The techniques mine data from online sex ads and virtual currency payments for those services, according to a paper presented at the SIGKDD International Conference on Knowledge Discovery and Data Mining on Aug. 16.

The vast pool of online ads makes manual exploration and analysis a tall task for law enforcement or outside groups. Discerning whether an ad is soliciting for a victim of human trafficking or is an "independent sex worker" isn't easy either, said the research team.

The techniques developed by computer scientists at the University of California at Berkeley, UC San Diego and New York University are designed to discern the true authors of online sex ads based on the writing style. They rely on machine learning that purports to detect unique authorship with 96 percent accuracy. That information is key in identifying the person buying the ad, according to the paper.

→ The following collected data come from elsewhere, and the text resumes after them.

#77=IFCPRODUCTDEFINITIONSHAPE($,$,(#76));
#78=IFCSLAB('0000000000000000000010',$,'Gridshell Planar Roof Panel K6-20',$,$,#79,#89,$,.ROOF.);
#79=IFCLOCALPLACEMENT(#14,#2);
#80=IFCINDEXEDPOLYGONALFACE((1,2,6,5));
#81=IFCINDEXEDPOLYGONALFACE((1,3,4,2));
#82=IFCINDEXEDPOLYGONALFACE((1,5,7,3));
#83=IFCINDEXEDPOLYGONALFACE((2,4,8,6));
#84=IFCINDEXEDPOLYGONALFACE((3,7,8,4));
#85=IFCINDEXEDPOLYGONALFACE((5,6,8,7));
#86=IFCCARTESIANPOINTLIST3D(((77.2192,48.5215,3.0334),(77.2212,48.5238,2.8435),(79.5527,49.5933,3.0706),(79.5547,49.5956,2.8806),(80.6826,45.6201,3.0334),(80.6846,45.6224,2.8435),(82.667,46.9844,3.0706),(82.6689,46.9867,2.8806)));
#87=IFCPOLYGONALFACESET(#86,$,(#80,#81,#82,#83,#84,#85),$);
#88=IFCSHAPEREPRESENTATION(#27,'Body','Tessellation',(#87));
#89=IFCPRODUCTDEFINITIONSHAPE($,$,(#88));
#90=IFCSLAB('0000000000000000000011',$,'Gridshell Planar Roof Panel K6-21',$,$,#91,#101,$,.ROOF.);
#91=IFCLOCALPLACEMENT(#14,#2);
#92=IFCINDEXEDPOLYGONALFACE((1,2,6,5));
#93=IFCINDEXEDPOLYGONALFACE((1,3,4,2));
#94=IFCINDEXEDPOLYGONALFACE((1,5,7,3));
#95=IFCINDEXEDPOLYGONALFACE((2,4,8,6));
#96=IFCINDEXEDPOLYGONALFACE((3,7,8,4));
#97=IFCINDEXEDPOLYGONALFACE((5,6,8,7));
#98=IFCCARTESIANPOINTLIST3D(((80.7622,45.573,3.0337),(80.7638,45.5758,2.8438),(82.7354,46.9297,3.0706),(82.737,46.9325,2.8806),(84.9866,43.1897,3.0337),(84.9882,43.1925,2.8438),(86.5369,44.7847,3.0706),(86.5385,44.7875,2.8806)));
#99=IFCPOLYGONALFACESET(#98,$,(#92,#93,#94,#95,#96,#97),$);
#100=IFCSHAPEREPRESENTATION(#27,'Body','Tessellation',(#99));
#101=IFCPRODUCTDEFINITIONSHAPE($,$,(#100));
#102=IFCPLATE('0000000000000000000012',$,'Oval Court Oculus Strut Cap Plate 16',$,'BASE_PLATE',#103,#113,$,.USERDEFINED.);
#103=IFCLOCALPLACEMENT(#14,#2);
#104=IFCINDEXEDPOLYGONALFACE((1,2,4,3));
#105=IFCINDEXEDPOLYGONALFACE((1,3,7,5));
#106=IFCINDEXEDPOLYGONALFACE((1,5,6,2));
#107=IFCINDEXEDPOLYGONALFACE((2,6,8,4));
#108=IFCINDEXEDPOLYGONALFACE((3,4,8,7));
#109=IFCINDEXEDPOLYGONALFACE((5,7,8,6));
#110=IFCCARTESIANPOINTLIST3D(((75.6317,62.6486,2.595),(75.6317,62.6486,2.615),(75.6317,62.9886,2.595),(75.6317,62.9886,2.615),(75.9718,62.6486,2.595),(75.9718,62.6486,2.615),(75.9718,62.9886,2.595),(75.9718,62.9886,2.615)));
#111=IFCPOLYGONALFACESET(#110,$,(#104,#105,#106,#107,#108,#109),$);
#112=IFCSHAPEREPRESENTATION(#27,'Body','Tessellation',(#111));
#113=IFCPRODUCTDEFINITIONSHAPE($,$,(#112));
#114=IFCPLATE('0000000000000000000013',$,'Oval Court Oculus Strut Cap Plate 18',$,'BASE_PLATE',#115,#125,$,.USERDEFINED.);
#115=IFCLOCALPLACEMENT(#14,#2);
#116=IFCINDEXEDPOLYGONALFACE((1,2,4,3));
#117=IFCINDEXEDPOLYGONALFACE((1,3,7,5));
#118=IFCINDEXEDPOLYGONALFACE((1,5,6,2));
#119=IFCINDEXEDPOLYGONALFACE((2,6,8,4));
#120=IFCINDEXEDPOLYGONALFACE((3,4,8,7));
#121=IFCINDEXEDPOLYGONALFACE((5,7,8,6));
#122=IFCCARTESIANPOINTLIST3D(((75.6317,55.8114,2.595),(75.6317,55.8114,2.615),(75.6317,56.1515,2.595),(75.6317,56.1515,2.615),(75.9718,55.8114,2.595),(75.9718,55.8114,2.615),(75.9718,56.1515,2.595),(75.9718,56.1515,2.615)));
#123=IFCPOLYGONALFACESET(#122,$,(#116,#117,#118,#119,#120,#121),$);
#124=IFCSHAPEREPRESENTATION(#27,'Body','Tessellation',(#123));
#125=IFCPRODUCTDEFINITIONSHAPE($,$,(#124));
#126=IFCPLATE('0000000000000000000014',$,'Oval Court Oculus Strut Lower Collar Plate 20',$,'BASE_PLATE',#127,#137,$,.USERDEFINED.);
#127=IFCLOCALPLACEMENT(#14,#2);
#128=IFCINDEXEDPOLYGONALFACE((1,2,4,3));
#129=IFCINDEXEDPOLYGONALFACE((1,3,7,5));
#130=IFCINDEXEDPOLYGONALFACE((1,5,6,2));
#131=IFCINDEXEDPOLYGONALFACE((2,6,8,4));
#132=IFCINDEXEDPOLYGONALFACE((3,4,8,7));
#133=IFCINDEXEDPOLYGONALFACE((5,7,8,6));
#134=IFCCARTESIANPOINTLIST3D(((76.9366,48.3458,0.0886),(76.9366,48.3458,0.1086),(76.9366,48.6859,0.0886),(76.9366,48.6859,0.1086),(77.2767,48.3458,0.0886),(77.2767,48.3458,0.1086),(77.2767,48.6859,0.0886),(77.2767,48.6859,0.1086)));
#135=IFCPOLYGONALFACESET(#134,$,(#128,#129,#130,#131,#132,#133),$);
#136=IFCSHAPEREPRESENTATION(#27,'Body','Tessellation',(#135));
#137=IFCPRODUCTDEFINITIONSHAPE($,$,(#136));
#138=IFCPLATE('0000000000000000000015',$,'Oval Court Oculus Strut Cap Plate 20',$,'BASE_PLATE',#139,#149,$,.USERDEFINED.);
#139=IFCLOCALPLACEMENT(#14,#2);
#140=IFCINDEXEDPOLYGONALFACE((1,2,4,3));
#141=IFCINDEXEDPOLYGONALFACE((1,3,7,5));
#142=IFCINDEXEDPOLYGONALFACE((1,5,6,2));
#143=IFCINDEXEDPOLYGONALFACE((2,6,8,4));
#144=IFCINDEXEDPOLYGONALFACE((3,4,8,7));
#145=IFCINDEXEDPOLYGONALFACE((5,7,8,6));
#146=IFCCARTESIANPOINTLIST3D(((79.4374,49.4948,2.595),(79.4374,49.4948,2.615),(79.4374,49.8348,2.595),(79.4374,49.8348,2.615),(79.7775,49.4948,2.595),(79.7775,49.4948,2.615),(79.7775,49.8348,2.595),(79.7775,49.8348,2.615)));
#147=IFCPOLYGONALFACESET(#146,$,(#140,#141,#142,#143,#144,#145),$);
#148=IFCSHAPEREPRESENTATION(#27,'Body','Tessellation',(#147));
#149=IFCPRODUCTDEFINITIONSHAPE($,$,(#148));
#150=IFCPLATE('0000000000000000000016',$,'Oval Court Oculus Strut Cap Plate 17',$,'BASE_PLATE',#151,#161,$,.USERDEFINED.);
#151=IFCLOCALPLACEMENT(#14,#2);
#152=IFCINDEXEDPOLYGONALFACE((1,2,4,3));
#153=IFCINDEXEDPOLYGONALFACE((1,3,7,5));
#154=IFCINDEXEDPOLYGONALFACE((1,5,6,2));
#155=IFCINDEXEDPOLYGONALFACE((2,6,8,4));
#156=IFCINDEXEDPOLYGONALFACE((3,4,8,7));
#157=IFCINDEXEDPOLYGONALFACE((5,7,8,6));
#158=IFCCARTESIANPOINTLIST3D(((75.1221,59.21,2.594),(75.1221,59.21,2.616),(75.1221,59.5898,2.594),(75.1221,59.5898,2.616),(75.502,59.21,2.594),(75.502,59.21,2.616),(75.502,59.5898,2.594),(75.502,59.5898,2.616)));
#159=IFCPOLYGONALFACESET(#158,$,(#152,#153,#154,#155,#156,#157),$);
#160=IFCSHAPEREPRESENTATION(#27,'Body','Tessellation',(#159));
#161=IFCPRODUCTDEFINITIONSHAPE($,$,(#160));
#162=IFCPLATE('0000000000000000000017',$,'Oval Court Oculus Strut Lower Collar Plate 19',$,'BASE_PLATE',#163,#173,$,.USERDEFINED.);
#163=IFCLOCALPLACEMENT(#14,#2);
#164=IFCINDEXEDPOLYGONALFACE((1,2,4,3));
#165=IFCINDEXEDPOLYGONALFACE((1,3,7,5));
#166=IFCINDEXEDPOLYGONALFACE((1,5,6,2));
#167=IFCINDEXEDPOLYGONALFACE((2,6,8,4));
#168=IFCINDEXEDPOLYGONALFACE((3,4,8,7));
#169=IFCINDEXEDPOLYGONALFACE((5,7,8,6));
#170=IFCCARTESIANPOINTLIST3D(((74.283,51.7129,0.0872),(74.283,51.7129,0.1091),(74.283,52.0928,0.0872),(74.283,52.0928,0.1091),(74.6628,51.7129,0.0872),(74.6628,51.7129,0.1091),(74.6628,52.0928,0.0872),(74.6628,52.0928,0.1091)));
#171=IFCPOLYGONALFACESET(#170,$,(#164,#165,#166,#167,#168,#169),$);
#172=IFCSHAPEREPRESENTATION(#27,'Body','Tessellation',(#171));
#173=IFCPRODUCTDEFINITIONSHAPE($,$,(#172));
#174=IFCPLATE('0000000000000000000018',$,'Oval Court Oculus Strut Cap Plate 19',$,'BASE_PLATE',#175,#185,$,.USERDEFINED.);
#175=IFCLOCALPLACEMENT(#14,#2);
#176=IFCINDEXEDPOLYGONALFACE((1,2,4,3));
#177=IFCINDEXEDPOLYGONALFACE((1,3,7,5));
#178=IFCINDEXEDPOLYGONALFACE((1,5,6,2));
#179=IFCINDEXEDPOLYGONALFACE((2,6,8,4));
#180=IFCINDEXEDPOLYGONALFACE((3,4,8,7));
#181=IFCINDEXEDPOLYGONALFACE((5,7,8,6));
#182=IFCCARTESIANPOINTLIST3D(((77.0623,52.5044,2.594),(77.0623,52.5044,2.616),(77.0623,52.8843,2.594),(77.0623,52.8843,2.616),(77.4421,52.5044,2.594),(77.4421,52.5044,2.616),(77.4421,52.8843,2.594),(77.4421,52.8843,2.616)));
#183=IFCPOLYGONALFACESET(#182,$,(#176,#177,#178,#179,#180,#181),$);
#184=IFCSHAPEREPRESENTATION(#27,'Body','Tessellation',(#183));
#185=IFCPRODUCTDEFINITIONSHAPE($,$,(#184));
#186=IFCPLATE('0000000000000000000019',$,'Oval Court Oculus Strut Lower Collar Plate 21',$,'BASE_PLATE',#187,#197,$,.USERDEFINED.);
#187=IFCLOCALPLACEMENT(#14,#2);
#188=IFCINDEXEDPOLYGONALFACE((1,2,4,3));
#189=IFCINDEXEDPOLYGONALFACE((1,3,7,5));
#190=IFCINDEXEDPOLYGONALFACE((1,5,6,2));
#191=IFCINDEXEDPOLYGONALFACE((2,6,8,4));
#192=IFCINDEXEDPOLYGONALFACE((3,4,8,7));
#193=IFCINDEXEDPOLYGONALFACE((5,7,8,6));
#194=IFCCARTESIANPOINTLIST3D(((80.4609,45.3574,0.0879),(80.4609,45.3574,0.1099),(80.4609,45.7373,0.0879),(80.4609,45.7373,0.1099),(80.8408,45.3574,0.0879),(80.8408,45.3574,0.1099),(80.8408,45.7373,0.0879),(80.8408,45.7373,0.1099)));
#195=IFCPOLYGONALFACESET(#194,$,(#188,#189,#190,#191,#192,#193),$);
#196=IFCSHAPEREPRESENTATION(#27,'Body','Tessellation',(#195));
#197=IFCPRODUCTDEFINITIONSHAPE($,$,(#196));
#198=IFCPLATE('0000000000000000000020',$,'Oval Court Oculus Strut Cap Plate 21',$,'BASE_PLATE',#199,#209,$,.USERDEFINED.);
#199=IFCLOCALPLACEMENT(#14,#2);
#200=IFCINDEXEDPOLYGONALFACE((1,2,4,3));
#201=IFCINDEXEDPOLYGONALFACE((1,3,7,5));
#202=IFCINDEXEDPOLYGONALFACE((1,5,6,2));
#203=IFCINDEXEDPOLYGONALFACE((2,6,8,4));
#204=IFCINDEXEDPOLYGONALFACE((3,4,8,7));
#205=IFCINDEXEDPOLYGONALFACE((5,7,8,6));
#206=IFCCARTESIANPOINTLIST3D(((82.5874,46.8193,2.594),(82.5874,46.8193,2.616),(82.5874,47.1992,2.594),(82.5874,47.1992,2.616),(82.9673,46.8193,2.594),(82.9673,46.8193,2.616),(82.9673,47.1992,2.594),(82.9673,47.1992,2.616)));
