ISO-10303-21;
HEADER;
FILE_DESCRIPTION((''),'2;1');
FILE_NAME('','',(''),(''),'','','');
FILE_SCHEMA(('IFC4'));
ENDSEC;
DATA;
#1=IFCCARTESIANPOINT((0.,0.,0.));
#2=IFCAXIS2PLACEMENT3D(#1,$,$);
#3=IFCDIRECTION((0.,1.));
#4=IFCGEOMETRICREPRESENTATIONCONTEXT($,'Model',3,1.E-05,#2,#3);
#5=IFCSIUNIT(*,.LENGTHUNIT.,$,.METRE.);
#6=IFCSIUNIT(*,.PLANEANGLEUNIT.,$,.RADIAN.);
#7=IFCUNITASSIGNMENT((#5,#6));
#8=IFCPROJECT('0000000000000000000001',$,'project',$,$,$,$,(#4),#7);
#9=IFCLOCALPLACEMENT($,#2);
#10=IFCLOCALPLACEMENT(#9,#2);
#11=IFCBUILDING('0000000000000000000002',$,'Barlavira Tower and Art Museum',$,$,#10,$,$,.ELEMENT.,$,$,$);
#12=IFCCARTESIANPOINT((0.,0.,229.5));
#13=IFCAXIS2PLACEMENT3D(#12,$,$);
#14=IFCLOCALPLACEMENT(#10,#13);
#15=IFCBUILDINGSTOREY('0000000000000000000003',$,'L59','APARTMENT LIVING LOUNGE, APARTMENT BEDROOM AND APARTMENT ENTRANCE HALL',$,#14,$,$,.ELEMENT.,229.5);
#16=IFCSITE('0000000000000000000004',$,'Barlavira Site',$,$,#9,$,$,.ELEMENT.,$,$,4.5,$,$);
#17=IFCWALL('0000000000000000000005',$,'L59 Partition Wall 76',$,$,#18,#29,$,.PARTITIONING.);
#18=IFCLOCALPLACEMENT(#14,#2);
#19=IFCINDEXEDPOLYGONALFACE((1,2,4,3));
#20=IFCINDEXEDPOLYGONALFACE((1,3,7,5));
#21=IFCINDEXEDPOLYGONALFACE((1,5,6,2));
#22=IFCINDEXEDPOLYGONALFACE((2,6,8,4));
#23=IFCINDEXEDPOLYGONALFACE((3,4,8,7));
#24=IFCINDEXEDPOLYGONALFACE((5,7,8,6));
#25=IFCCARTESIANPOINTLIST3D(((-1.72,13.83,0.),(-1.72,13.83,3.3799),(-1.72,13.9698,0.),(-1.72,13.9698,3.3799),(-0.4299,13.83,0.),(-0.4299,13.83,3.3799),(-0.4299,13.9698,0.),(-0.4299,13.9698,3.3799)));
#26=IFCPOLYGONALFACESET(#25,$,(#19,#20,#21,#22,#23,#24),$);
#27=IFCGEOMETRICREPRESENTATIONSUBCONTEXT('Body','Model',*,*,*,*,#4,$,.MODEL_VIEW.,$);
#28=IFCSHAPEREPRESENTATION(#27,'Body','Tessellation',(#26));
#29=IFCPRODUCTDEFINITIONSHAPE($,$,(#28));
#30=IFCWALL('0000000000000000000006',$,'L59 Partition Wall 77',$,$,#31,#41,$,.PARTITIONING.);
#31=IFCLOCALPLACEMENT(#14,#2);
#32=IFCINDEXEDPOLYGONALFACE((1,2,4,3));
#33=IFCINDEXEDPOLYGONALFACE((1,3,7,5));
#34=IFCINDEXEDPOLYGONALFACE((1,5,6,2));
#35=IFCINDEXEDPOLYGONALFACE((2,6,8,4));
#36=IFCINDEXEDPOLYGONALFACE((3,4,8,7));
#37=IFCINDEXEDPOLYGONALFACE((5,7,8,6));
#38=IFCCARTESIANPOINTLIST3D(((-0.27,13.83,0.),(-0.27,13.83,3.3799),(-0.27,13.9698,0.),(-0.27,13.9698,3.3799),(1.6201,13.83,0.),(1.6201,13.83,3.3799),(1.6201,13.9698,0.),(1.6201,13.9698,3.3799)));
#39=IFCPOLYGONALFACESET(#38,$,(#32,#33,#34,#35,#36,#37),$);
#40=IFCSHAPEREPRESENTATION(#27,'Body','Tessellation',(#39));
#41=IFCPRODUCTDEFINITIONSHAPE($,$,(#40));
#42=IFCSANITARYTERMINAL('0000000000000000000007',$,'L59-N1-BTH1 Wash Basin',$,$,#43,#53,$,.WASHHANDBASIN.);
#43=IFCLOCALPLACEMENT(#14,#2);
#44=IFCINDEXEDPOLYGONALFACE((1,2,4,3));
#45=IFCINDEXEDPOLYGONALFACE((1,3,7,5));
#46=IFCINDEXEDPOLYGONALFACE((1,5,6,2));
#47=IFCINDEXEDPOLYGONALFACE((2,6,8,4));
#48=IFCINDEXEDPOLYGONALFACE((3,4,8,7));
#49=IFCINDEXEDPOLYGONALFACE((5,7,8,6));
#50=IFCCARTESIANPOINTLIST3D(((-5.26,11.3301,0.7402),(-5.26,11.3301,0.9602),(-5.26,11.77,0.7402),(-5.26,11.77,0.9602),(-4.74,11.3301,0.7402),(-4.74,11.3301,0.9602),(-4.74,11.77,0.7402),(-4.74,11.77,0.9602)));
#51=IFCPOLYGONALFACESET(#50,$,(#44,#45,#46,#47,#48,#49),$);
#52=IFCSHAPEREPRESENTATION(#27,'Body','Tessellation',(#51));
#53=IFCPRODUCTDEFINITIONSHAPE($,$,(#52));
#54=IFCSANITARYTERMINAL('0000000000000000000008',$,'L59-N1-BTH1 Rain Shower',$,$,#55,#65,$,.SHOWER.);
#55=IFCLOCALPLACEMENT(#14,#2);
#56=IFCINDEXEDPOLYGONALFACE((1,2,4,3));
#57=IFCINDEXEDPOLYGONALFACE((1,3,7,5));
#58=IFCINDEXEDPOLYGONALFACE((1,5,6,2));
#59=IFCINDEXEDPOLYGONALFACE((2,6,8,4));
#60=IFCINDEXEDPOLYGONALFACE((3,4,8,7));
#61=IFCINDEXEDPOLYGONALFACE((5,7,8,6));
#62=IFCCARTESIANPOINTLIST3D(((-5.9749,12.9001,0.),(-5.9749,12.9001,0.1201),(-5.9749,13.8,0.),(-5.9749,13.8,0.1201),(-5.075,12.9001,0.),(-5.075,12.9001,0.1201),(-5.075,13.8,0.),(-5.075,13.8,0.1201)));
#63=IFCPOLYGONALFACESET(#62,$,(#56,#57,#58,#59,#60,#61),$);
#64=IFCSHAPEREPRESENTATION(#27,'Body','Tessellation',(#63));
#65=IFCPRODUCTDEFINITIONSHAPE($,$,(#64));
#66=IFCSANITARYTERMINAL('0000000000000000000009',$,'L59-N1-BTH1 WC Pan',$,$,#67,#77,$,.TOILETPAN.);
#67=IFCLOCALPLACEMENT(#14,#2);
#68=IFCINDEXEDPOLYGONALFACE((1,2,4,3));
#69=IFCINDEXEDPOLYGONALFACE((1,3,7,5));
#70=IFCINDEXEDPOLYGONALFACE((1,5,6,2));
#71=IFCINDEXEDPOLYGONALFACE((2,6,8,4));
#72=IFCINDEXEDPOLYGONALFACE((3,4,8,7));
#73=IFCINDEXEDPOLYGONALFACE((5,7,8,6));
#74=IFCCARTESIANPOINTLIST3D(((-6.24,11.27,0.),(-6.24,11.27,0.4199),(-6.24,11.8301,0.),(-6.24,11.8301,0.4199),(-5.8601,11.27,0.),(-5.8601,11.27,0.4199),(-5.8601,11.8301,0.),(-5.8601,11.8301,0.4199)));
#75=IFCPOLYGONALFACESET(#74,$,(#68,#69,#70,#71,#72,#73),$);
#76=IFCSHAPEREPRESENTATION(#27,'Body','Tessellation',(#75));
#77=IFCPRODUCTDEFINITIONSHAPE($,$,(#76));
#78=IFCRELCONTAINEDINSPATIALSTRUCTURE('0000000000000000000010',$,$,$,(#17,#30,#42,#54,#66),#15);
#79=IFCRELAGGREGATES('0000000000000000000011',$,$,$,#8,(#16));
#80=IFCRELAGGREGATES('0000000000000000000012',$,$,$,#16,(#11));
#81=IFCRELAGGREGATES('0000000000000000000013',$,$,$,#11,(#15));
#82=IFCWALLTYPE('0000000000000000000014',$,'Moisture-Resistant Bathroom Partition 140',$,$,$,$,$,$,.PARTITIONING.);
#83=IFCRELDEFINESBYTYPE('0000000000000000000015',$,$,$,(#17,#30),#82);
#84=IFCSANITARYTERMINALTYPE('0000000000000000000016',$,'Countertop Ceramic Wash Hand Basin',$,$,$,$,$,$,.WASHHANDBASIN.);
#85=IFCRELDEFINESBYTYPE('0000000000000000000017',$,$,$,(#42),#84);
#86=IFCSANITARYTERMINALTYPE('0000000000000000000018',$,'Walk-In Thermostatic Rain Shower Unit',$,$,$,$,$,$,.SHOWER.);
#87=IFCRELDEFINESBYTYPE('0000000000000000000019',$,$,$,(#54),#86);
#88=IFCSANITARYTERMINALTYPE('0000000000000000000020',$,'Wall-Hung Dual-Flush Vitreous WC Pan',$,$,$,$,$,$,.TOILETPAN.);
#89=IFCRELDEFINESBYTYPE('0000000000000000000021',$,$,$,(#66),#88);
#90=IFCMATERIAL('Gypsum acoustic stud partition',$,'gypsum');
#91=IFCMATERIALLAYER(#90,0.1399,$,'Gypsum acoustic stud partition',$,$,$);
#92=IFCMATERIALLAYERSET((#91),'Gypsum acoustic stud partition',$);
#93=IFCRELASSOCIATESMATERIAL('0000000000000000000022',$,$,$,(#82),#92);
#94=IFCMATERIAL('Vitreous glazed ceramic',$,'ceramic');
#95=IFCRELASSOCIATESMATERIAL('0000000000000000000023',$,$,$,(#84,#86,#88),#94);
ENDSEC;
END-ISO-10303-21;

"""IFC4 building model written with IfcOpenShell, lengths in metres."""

from ifc_helpers import new_model, si_unit, direction, frame, frame_2d, origin, origin_2d, place, context, subcontext, project, spatial, rectangle, extrude, material, layer, layer_set, type_object, element, save


model = new_model("IFC4")

# Units and contexts
model_context = context("Model", 3, precision=1e-05, world=origin(), true_north=direction((0.0, 1.0)))
body_context = subcontext(model_context, "Body", "Model", "MODEL_VIEW")
ifc_project = project(units=[si_unit("LENGTHUNIT", "METRE"), si_unit("PLANEANGLEUNIT", "RADIAN")], contexts=[model_context])

# Site, building, storey
site_placement = place(None, origin())
site = spatial("IfcSite", under=ifc_project, at=site_placement, Name="Barlavira Site", CompositionType="ELEMENT", RefElevation=4.5)
building_placement = place(site_placement, origin())
building = spatial("IfcBuilding", under=site, at=building_placement, Name="Barlavira Tower and Art Museum", CompositionType="ELEMENT")
storey_placement = place(building_placement, frame((0.0, 0.0, 229.5)))
storey = spatial("IfcBuildingStorey", under=building, at=storey_placement, Name="L59", Description="APARTMENT LIVING LOUNGE, APARTMENT BEDROOM AND APARTMENT ENTRANCE HALL", CompositionType="ELEMENT", Elevation=229.5)

# Shared definitions
ifc_material_1 = material(Name="Gypsum acoustic stud partition", Category="gypsum")

# Shared definitions
ifc_layer_1 = layer(ifc_material_1, 0.1399, Name="Gypsum acoustic stud partition")
ifc_layer_set_1 = layer_set([ifc_layer_1], Name="Gypsum acoustic stud partition")
wall_type_1 = type_object("IfcWallType", Name="Moisture-Resistant Bathroom Partition 140", PredefinedType="PARTITIONING", material=ifc_layer_set_1)

# Walls
wall_1_placement = place(storey_placement, frame((-1.72, 13.8999, 0.0), z_axis=(0.0, 0.0, 1.0), x_axis=(1.0, 0.0, 0.0)))
element("IfcWall", 1, at=wall_1_placement, inside=storey, type_object=wall_type_1, Name="L59 Partition Wall 76", PredefinedType="PARTITIONING", context=body_context, shape_type="SweptSolid", body=[
    extrude(rectangle(XDim=1.29, YDim=0.1399, at=frame_2d((0.645, 0.0))), origin(), (0.0, 0.0, 1.0), 3.3799),
])
wall_2_placement = place(storey_placement, frame((-0.27, 13.8999, 0.0), z_axis=(0.0, 0.0, 1.0), x_axis=(1.0, 0.0, 0.0)))
element("IfcWall", 2, at=wall_2_placement, inside=storey, type_object=wall_type_1, Name="L59 Partition Wall 77", PredefinedType="PARTITIONING", context=body_context, shape_type="SweptSolid", body=[
    extrude(rectangle(XDim=1.8901, YDim=0.1399, at=frame_2d((0.9451, 0.0))), origin(), (0.0, 0.0, 1.0), 3.3799),
])

# Sanitary terminals
ifc_material_2 = material(Name="Vitreous glazed ceramic", Category="ceramic")
sanitary_terminal_type_1 = type_object("IfcSanitaryTerminalType", Name="Countertop Ceramic Wash Hand Basin", PredefinedType="WASHHANDBASIN", material=ifc_material_2)
sanitary_terminal_1_placement = place(storey_placement, frame((-5.0, 11.55, 0.7402), z_axis=(0.0, 0.0, 1.0), x_axis=(1.0, 0.0, 0.0)))
element("IfcSanitaryTerminal", 3, at=sanitary_terminal_1_placement, inside=storey, type_object=sanitary_terminal_type_1, Name="L59-N1-BTH1 Wash Basin", PredefinedType="WASHHANDBASIN", context=body_context, shape_type="SweptSolid", body=[
    extrude(rectangle(XDim=0.52, YDim=0.4399, at=origin_2d()), origin(), (0.0, 0.0, 1.0), 0.22),
])
sanitary_terminal_type_2 = type_object("IfcSanitaryTerminalType", Name="Walk-In Thermostatic Rain Shower Unit", PredefinedType="SHOWER", material=ifc_material_2)
sanitary_terminal_2_placement = place(storey_placement, frame((-5.5249, 13.3501, 0.0), z_axis=(0.0, 0.0, 1.0), x_axis=(1.0, 0.0, 0.0)))
element("IfcSanitaryTerminal", 4, at=sanitary_terminal_2_placement, inside=storey, type_object=sanitary_terminal_type_2, Name="L59-N1-BTH1 Rain Shower", PredefinedType="SHOWER", context=body_context, shape_type="SweptSolid", body=[
    extrude(rectangle(XDim=0.8999, YDim=0.8999, at=origin_2d()), origin(), (0.0, 0.0, 1.0), 0.1201),
])
sanitary_terminal_type_3 = type_object("IfcSanitaryTerminalType", Name="Wall-Hung Dual-Flush Vitreous WC Pan", PredefinedType="TOILETPAN", material=ifc_material_2)
sanitary_terminal_3_placement = place(storey_placement, frame((-6.05, 11.55, 0.0), z_axis=(0.0, 0.0, 1.0), x_axis=(1.0, 0.0, 0.0)))
element("IfcSanitaryTerminal", 5, at=sanitary_terminal_3_placement, inside=storey, type_object=sanitary_terminal_type_3, Name="L59-N1-BTH1 WC Pan", PredefinedType="TOILETPAN", context=body_context, shape_type="SweptSolid", body=[
    extrude(rectangle(XDim=0.3799, YDim=0.5601, at=origin_2d()), origin(), (0.0, 0.0, 1.0), 0.4199),
])

save(model, "model.ifc")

The researchers combined that technique with another that picks up leakage from the Bitcoin "mempool" blockchain and sex ad sites and refers the data back to Bitcoin public wallets and transactions to further identify and quantify the ad purchaser.

The group worked for a month using the techniques on the notorious Backpage sex ad site to demonstrate how an analyst could use them to link payments, ads and ad authors.

The researchers said they are currently collaborating with multiple non-governmental organizations that track human trafficking and law enforcement officers to deploy the tools. They said they plan to share the tools and data with those groups, as well as make them publicly available.